A celebratory luncheon here Wednesday marking the 70th anniversary of the Balfour Declaration took place without representation from the British government.
Foreign Secretary Sir Geoffrey Howe declined to attend, and the British Zionist Federation, which organized the function, had not invited anyone else from the Foreign Office.
The luncheon, held at the National Liberal Club, was attended by Lord Arthur Balfour, great-nephew and namesake of the famous Foreign Secretary Arthur James Balfour. On Nov. 2, 1917, he sent a 118-word letter to Lord Walter Rothschild promising a Jewish national home in Palestine.
Rothschild’s great-nephew, Jacob Rothschild, was chairman of the commemorative gathering in the club’s Lloyd George Room, named for David Lloyd George, who was Britain’s prime minister when the Balfour Declaration was issued.

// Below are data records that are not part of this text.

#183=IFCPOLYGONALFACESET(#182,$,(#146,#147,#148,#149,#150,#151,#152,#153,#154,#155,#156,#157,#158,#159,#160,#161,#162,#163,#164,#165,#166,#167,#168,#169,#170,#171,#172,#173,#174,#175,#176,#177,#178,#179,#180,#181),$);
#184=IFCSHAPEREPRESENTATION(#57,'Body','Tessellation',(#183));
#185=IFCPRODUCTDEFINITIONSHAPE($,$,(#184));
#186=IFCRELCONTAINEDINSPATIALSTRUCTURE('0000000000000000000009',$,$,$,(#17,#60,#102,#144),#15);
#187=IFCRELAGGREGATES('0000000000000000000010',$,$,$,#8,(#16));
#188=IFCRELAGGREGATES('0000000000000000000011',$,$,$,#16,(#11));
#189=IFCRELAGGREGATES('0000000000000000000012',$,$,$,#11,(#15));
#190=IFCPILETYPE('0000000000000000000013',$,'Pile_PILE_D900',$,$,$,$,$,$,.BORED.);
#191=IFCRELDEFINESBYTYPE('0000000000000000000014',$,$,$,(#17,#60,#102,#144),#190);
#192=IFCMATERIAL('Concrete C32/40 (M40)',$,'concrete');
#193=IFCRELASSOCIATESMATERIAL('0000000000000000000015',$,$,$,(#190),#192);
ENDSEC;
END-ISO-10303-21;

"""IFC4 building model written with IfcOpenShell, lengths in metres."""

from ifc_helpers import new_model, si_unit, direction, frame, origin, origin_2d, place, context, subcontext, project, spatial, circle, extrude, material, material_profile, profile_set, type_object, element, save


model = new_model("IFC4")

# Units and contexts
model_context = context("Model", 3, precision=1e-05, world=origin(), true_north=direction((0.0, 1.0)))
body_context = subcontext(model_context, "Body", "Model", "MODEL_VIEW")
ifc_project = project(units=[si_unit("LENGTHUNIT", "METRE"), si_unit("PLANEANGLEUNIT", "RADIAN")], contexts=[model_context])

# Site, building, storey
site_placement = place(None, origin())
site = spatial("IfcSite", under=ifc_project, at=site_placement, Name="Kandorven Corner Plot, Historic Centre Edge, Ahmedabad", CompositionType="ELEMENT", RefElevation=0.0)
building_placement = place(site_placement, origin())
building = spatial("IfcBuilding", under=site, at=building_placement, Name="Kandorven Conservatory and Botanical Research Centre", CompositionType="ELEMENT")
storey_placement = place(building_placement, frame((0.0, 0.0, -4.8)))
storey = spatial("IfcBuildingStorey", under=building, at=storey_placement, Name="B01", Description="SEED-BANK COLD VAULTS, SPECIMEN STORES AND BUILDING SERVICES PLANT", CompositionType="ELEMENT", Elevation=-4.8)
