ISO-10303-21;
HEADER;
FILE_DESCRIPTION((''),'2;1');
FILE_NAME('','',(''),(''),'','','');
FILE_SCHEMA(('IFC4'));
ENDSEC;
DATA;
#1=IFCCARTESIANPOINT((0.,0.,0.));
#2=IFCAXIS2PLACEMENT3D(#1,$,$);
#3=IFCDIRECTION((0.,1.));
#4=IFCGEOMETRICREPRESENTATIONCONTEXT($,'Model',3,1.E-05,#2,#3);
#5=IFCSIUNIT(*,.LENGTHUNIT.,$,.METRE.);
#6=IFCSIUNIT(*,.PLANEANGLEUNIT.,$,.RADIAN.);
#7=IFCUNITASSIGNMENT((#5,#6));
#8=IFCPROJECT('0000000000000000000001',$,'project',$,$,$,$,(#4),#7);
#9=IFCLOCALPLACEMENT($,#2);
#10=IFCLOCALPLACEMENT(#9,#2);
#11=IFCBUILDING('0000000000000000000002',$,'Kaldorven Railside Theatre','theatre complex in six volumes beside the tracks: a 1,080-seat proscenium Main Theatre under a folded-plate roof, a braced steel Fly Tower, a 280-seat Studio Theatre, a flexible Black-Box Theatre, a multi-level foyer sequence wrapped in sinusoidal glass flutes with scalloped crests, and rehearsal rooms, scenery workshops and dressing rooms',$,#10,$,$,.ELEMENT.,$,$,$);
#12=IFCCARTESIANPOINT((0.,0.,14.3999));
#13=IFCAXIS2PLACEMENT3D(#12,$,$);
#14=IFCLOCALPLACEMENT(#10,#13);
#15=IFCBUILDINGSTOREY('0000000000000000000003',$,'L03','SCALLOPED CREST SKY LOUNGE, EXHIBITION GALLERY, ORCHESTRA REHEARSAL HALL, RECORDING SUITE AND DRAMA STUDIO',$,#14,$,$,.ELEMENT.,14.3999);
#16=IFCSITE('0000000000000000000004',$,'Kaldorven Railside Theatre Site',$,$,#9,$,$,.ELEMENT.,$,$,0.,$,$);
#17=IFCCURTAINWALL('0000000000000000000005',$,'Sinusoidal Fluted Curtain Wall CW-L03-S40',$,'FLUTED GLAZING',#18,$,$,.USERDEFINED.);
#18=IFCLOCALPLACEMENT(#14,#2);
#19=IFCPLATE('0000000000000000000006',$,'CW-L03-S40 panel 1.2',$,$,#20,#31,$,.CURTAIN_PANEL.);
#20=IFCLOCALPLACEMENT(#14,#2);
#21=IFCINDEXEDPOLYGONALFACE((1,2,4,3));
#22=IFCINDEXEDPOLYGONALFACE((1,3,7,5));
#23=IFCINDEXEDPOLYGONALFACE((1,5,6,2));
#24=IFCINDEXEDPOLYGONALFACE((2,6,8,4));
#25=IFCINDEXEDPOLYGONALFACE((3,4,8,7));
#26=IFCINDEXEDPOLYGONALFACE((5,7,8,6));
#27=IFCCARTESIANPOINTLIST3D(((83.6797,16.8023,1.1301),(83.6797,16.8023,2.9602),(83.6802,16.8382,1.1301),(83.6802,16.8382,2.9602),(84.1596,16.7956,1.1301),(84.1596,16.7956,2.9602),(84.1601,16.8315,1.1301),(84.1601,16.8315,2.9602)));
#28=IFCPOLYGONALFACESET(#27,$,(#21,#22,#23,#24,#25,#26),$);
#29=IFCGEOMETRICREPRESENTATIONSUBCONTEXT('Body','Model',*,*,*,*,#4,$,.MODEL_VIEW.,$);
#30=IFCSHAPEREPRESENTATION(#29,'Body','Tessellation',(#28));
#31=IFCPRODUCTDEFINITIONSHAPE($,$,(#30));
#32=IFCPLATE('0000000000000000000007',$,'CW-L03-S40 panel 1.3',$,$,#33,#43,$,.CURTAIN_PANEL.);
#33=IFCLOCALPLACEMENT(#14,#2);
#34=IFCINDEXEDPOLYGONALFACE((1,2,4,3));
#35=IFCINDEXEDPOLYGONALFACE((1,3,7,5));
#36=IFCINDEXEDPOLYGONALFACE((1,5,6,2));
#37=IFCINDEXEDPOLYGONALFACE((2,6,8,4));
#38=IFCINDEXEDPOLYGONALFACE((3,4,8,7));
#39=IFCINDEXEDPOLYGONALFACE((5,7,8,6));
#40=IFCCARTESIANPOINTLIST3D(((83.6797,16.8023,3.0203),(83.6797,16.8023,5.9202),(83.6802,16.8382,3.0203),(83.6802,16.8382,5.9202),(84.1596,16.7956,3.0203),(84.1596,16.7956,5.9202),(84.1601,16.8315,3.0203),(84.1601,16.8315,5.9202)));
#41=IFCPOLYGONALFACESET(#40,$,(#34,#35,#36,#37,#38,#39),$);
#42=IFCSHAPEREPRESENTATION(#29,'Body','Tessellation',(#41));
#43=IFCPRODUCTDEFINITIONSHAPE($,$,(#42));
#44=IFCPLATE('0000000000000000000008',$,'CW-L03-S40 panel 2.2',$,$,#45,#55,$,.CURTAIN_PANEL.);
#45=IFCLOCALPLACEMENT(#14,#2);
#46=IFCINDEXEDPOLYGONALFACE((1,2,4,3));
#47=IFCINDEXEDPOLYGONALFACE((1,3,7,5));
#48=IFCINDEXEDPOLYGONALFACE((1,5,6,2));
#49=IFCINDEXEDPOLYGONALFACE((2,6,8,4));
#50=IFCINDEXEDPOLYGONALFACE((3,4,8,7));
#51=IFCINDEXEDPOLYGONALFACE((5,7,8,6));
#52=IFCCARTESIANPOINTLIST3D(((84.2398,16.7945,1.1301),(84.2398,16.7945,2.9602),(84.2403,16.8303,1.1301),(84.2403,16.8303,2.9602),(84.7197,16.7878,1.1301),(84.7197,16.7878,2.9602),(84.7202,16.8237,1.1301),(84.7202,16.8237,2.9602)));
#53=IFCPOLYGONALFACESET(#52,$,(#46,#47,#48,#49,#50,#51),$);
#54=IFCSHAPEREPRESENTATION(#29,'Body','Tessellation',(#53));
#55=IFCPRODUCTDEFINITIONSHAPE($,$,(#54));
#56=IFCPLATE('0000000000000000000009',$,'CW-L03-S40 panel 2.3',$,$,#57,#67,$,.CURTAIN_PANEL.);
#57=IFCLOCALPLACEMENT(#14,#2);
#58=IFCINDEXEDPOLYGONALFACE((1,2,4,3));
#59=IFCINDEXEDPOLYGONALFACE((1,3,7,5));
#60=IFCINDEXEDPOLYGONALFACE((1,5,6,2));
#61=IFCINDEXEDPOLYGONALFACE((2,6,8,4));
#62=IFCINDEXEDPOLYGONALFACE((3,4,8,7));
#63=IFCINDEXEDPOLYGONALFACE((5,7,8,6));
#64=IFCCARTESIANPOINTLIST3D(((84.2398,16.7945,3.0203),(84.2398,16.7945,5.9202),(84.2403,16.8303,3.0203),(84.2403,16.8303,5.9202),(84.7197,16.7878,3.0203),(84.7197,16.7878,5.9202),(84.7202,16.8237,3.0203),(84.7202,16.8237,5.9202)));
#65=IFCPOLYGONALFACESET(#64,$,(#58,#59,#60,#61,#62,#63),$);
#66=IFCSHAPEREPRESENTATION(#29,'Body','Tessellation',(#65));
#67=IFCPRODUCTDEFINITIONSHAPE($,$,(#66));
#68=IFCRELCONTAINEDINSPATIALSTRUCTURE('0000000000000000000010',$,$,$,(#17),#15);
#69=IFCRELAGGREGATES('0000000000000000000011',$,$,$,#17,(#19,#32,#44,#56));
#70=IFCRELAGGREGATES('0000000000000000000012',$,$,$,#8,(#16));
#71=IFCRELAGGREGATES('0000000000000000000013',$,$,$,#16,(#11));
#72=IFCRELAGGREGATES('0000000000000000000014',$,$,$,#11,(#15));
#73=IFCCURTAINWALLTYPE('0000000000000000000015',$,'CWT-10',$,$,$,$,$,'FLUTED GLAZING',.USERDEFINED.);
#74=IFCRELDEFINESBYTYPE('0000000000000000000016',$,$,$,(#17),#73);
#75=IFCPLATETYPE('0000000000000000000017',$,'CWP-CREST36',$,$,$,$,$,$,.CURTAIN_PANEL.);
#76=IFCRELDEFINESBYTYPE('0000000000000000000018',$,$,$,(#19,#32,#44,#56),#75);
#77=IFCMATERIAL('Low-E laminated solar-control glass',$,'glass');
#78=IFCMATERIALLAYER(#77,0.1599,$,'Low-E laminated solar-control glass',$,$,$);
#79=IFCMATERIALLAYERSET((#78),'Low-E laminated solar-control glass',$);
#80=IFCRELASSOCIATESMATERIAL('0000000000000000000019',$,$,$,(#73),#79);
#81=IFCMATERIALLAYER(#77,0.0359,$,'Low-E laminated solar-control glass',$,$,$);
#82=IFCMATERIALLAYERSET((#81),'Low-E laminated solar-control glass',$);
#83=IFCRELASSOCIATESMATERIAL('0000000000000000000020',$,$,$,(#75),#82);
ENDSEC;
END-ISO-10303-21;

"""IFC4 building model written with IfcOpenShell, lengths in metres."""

from ifc_helpers import new_model, si_unit, direction, frame, origin, origin_2d, place, context, subcontext, project, spatial, rectangle, extrude, material, layer, layer_set, type_object, element, aggregate, save


model = new_model("IFC4")

# Units and contexts
model_context = context("Model", 3, precision=1e-05, world=origin(), true_north=direction((0.0, 1.0)))
body_context = subcontext(model_context, "Body", "Model", "MODEL_VIEW")
ifc_project = project(units=[si_unit("LENGTHUNIT", "METRE"), si_unit("PLANEANGLEUNIT", "RADIAN")], contexts=[model_context])

# Site, building, storey
site_placement = place(None, origin())
site = spatial("IfcSite", under=ifc_project, at=site_placement, Name="Kaldorven Railside Theatre Site", CompositionType="ELEMENT", RefElevation=0.0)
building_placement = place(site_placement, origin())
building = spatial("IfcBuilding", under=site, at=building_placement, Name="Kaldorven Railside Theatre", Description="theatre complex in six volumes beside the tracks: a 1,080-seat proscenium Main Theatre under a folded-plate roof, a braced steel Fly Tower, a 280-seat Studio Theatre, a flexible Black-Box Theatre, a multi-level foyer sequence wrapped in sinusoidal glass flutes with scalloped crests, and rehearsal rooms, scenery workshops and dressing rooms", CompositionType="ELEMENT")
storey_placement = place(building_placement, frame((0.0, 0.0, 14.3999)))
storey = spatial("IfcBuildingStorey", under=building, at=storey_placement, Name="L03", Description="SCALLOPED CREST SKY LOUNGE, EXHIBITION GALLERY, ORCHESTRA REHEARSAL HALL, RECORDING SUITE AND DRAMA STUDIO", CompositionType="ELEMENT", Elevation=14.3999)

# Curtain wall
ifc_material_1 = material(Name="Low-E laminated solar-control glass", Category="glass")
ifc_layer_1 = layer(ifc_material_1, 0.1599, Name="Low-E laminated solar-control glass")
ifc_layer_set_1 = layer_set([ifc_layer_1], Name="Low-E laminated solar-control glass")
curtain_wall_type_1 = type_object("IfcCurtainWallType", Name="CWT-10", ElementType="FLUTED GLAZING", PredefinedType="USERDEFINED", material=ifc_layer_set_1)
curtain_wall_1_placement = place(storey_placement, origin())
curtain_wall_1 = element("IfcCurtainWall", 1, at=curtain_wall_1_placement, inside=storey, type_object=curtain_wall_type_1, Name="Sinusoidal Fluted Curtain Wall CW-L03-S40", ObjectType="FLUTED GLAZING", PredefinedType="USERDEFINED")

# Plates
ifc_layer_2 = layer(ifc_material_1, 0.0359, Name="Low-E laminated solar-control glass")
ifc_layer_set_2 = layer_set([ifc_layer_2], Name="Low-E laminated solar-control glass")
plate_type = type_object("IfcPlateType", Name="CWP-CREST36", PredefinedType="CURTAIN_PANEL", material=ifc_layer_set_2)
plate_1_placement = place(storey_placement, frame((83.9199, 16.8169, 1.1301), z_axis=(0.0, 0.0, 1.0), x_axis=(0.999904, -0.013832, 0.0)))
plate_1 = element("IfcPlate", 2, at=plate_1_placement, type_object=plate_type, Name="CW-L03-S40 panel 1.2", PredefinedType="CURTAIN_PANEL", context=body_context, shape_type="SweptSolid", body=[
    extrude(rectangle(XDim=0.48, YDim=0.0359, at=origin_2d()), origin(), (0.0, 0.0, 1.0), 1.8301),
])
plate_2_placement = place(storey_placement, frame((83.9199, 16.8169, 3.0203), z_axis=(0.0, 0.0, 1.0), x_axis=(0.999904, -0.013832, 0.0)))
plate_2 = element("IfcPlate", 3, at=plate_2_placement, type_object=plate_type, Name="CW-L03-S40 panel 1.3", PredefinedType="CURTAIN_PANEL", context=body_context, shape_type="SweptSolid", body=[
    extrude(rectangle(XDim=0.48, YDim=0.0359, at=origin_2d()), origin(), (0.0, 0.0, 1.0), 2.8999),
])
plate_3_placement = place(storey_placement, frame((84.48, 16.8091, 1.1301), z_axis=(0.0, 0.0, 1.0), x_axis=(0.999904, -0.013832, 0.0)))
plate_3 = element("IfcPlate", 4, at=plate_3_placement, type_object=plate_type, Name="CW-L03-S40 panel 2.2", PredefinedType="CURTAIN_PANEL", context=body_context, shape_type="SweptSolid", body=[
    extrude(rectangle(XDim=0.48, YDim=0.0359, at=origin_2d()), origin(), (0.0, 0.0, 1.0), 1.8301),
])
plate_4_placement = place(storey_placement, frame((84.48, 16.8091, 3.0203), z_axis=(0.0, 0.0, 1.0), x_axis=(0.999904, -0.013832, 0.0)))
plate_4 = element("IfcPlate", 5, at=plate_4_placement, type_object=plate_type, Name="CW-L03-S40 panel 2.3", PredefinedType="CURTAIN_PANEL", context=body_context, shape_type="SweptSolid", body=[
    extrude(rectangle(XDim=0.48, YDim=0.0359, at=origin_2d()), origin(), (0.0, 0.0, 1.0), 2.8999),
])
aggregate(curtain_wall_1, [plate_1, plate_2, plate_3, plate_4])

save(model, "model.ifc")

The event was largely ignored by the media, save for The Guardian. Its predecessor, The Manchester Guardian, played a major role in securing the declaration.
The Manchester Guardian’s editor, C.P. Scott, introduced Dr. Chaim Weizmann, the leading British Zionist, to George. And two of its journalists, Herbert Sidebotham and Harry Sacher, were among the founders of the Manchester-based British Palestine Committee, which beginning in 1961 campaigned for a British pledge to the Zionists and the incorporation of Palestine into the British Empire once it was captured from the Turks.
On Monday, the Guardian reprinted the leading article from its predecessor’s Nov. 9, 1917 edition, welcoming Britain’s decision in favor of a Jewish national home in Palestine. However, the Guardian seemed embarrassed by those activities.
The Guardian has often been critical of Israel and sympathetic to the Arab cause during the past 30 years, and it marked the anniversary with an article blaming the failure of Britain and the Jews to honor the rights of the Palestinian Arabs as pledged in the Balfour Declaration.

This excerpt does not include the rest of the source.